That’s basically why I’m using glBufferData instead of the Sub version. It’s marginally but measurably faster.
What you should be doing is:
Set up OpenGL state for particle rendering
Update each particle sequentially
Map your VBO
Write each particle to the VBO
glDrawArrays
Unmap VBO (“orphan” it)
Swapbuffers
You should find that the glDrawArrays and swapbuffers returns immediately, allowing you to immediately carry on updating the particles for the next frame. Even the call to map the VBO shouldn’t block as the driver should be intelligent enough to give you a completely new buffer if it hasn’t finished drawing the previous one. It should only eventually block at the second call to swapbuffers if it hasn’t yet actually finished rendering from the first one - that is, you are flat out.
Cas 
In this case the ‘only’ gain of my MappedObject library is that the mandatory copy from app-data to mapped-buffer is blazing fast.
I benchmarked ByteBuffer.put(ByteBuffer) and sun.misc.Unsafe.memoryCopy(p1,p2,len) and they were equally fast. On the other hand, pulling data from objects and pushing it into a buffer is significantly slower (2-3x as slow, in my microbenchmark).
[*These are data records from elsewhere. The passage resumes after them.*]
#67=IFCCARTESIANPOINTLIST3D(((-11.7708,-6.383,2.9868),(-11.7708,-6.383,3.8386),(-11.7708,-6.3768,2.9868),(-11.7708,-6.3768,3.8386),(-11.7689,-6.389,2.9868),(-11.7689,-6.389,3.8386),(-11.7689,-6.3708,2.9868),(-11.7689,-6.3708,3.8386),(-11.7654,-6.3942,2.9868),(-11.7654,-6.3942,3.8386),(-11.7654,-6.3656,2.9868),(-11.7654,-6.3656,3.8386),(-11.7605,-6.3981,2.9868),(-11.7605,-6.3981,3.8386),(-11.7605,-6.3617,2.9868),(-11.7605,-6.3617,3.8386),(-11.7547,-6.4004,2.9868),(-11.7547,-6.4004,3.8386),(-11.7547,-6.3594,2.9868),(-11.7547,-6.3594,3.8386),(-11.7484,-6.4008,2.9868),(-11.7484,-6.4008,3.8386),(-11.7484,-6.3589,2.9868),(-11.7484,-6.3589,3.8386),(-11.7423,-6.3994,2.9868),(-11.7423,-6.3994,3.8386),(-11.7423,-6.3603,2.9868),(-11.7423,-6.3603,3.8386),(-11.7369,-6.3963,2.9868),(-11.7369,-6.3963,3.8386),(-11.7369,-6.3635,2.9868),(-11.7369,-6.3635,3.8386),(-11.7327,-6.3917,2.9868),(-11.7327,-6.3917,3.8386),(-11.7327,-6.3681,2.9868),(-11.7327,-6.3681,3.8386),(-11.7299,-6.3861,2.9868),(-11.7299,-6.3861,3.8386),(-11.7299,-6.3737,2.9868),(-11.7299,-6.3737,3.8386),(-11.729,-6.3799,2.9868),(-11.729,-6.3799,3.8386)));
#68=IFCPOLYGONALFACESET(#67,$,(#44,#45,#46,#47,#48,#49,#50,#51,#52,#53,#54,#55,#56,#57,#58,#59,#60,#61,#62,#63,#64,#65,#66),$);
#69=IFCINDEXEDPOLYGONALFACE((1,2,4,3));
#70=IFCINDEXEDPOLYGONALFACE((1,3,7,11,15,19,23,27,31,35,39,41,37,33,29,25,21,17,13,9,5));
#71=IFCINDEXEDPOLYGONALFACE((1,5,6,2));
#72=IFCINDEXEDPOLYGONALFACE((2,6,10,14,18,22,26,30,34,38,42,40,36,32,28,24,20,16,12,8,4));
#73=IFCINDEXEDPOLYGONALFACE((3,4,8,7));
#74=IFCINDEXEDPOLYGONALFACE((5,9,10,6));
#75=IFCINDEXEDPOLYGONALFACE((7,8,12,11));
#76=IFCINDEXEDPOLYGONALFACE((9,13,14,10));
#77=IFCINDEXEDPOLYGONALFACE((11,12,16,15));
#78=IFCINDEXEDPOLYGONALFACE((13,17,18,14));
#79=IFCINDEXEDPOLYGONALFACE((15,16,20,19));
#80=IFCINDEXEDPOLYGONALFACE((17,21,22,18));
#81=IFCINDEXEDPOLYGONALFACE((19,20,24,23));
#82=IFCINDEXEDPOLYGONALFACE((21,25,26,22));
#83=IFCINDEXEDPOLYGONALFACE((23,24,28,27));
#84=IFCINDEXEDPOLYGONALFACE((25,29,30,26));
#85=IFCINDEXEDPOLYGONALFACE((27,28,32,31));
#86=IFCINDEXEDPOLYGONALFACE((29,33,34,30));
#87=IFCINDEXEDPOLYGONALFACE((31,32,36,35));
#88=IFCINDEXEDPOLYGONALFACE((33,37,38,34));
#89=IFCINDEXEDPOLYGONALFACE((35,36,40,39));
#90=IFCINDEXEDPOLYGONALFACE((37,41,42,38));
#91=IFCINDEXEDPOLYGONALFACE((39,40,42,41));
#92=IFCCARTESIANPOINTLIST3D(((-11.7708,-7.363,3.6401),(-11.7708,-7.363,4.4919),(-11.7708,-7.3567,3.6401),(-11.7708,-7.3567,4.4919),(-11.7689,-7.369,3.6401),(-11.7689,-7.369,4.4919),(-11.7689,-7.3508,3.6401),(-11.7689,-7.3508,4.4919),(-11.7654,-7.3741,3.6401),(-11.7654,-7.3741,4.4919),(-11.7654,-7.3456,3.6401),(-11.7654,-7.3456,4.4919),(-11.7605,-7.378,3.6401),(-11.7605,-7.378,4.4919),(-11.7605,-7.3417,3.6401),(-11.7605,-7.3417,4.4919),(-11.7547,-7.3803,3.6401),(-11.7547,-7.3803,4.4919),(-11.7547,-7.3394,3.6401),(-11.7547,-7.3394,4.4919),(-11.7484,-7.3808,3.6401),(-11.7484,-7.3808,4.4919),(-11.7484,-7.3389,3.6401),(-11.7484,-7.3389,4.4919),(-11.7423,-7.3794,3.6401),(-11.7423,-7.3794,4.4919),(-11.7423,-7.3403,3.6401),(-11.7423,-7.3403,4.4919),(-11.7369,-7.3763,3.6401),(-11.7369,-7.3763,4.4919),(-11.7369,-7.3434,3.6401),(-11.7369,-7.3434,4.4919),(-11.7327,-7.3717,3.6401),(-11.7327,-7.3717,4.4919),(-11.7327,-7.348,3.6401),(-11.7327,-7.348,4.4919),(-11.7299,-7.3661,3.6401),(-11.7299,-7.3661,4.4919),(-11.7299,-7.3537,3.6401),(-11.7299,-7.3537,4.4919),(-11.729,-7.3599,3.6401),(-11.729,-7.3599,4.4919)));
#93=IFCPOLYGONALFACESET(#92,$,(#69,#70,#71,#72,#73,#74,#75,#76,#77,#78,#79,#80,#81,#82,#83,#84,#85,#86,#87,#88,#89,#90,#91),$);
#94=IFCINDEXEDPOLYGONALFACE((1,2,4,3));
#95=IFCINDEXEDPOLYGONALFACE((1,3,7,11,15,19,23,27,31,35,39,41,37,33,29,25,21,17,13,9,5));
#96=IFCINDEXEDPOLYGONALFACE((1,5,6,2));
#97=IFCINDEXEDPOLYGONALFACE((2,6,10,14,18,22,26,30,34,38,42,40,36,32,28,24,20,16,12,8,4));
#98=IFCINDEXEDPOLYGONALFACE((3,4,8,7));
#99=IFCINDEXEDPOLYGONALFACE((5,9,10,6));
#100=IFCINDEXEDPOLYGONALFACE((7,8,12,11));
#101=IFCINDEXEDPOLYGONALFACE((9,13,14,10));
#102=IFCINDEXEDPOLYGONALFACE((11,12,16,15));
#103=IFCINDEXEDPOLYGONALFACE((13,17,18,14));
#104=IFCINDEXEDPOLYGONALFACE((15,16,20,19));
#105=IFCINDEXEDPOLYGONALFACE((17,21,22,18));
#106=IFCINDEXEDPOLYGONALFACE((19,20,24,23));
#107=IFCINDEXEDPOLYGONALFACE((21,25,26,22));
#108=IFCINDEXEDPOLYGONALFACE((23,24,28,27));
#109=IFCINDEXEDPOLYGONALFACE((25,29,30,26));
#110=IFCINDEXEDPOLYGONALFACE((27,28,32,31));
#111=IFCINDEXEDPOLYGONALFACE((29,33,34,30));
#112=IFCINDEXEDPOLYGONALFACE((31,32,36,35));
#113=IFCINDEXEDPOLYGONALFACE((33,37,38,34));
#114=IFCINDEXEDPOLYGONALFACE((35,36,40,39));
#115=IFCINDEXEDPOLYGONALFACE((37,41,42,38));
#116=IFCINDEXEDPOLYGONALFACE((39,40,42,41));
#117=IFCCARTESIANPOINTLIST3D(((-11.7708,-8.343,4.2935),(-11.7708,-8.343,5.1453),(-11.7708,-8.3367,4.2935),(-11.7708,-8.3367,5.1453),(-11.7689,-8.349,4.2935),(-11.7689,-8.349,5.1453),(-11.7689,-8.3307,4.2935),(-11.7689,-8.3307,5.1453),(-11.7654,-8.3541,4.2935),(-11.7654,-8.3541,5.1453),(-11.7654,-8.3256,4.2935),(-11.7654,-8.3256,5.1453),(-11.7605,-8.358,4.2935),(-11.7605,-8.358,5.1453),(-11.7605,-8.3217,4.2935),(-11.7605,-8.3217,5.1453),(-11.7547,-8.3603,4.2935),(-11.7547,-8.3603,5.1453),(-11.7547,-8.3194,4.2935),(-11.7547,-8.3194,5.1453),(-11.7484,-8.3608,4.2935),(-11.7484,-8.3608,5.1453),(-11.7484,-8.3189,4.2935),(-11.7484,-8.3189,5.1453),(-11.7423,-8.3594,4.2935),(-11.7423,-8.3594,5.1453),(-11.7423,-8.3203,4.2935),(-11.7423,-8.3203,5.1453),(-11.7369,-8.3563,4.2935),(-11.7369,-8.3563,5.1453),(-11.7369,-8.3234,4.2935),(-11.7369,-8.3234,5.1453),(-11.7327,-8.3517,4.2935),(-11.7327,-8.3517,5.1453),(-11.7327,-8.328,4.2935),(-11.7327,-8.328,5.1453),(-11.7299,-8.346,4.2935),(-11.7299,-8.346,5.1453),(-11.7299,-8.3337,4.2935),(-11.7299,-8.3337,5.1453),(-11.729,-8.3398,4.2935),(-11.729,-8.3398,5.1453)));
It’s probably not where your bottleneck is, unless maybe in particle engines and sprite engines (whatever the difference is).
I’ll, try that tonight. Got school in ten minutes… FUUUUUUUUUU—
EDIT: I made it in time, somehow. I’m awesome!
So I tried to implement it, submitting my data with glMapBuffer instead of glBufferData, and got a small but noticeable increase in performance. Approximately 61 --> 63 FPS. This is what I’m doing:
for (int i = 0; i < threads; i++) {
particleSubtasks[i].bindBuffer();
ByteBuffer mappedBuffer = GL15.glMapBuffer(GL15.GL_ARRAY_BUFFER, GL15.GL_WRITE_ONLY, particlesPerThread * particleByteSize, particleSubtasks[i].getOldMappedBuffer());
ByteBuffer particleData = particleSubtasks[i].getBuffer();
mappedBuffer.put(particleData);
GL15.glUnmapBuffer(GL15.GL_ARRAY_BUFFER);
mappedBuffer.flip();
particleData.flip(); //So it doesn't crash during the next update xD
GL11.glVertexPointer(2, GL11.GL_FLOAT, particleByteSize, 0);
GL11.glColorPointer(4, GL11.GL_UNSIGNED_BYTE, particleByteSize, 8);
GL11.glDrawArrays(GL11.GL_POINTS, 0, particlesPerThread);
}
Anything else I can optimize? =D
EDIT: Now I also reuse the mapped buffer instead of passing null to glMapBuffer… Code updated. No measurable difference though.
Where are you setting the reference you return in getOldMappedBuffer()
Ah, I forgot to do that. -_- I even made a function for setting it in my ParticleSubtask, but forgot to call it. The program works fine, but I can’t test the performance. My CPU has entered permanent power saving running at 800MHz, so I’m getting around 22 FPS instead of 64 FPS. I’ve contacted ASUS, but they’ll probably just tell me to send in my computer. Considering my computer is pretty much worthless now, I don’t really have a choice. If I have to send it in, I’ll be sure to say farewell to everyone on JGO, because I probably won’t be able to survive here in Japan for 1-2 months without a computer. Now I’m off to flash my BIOS.
EDIT: ThrottleStop, marry me and have my babies.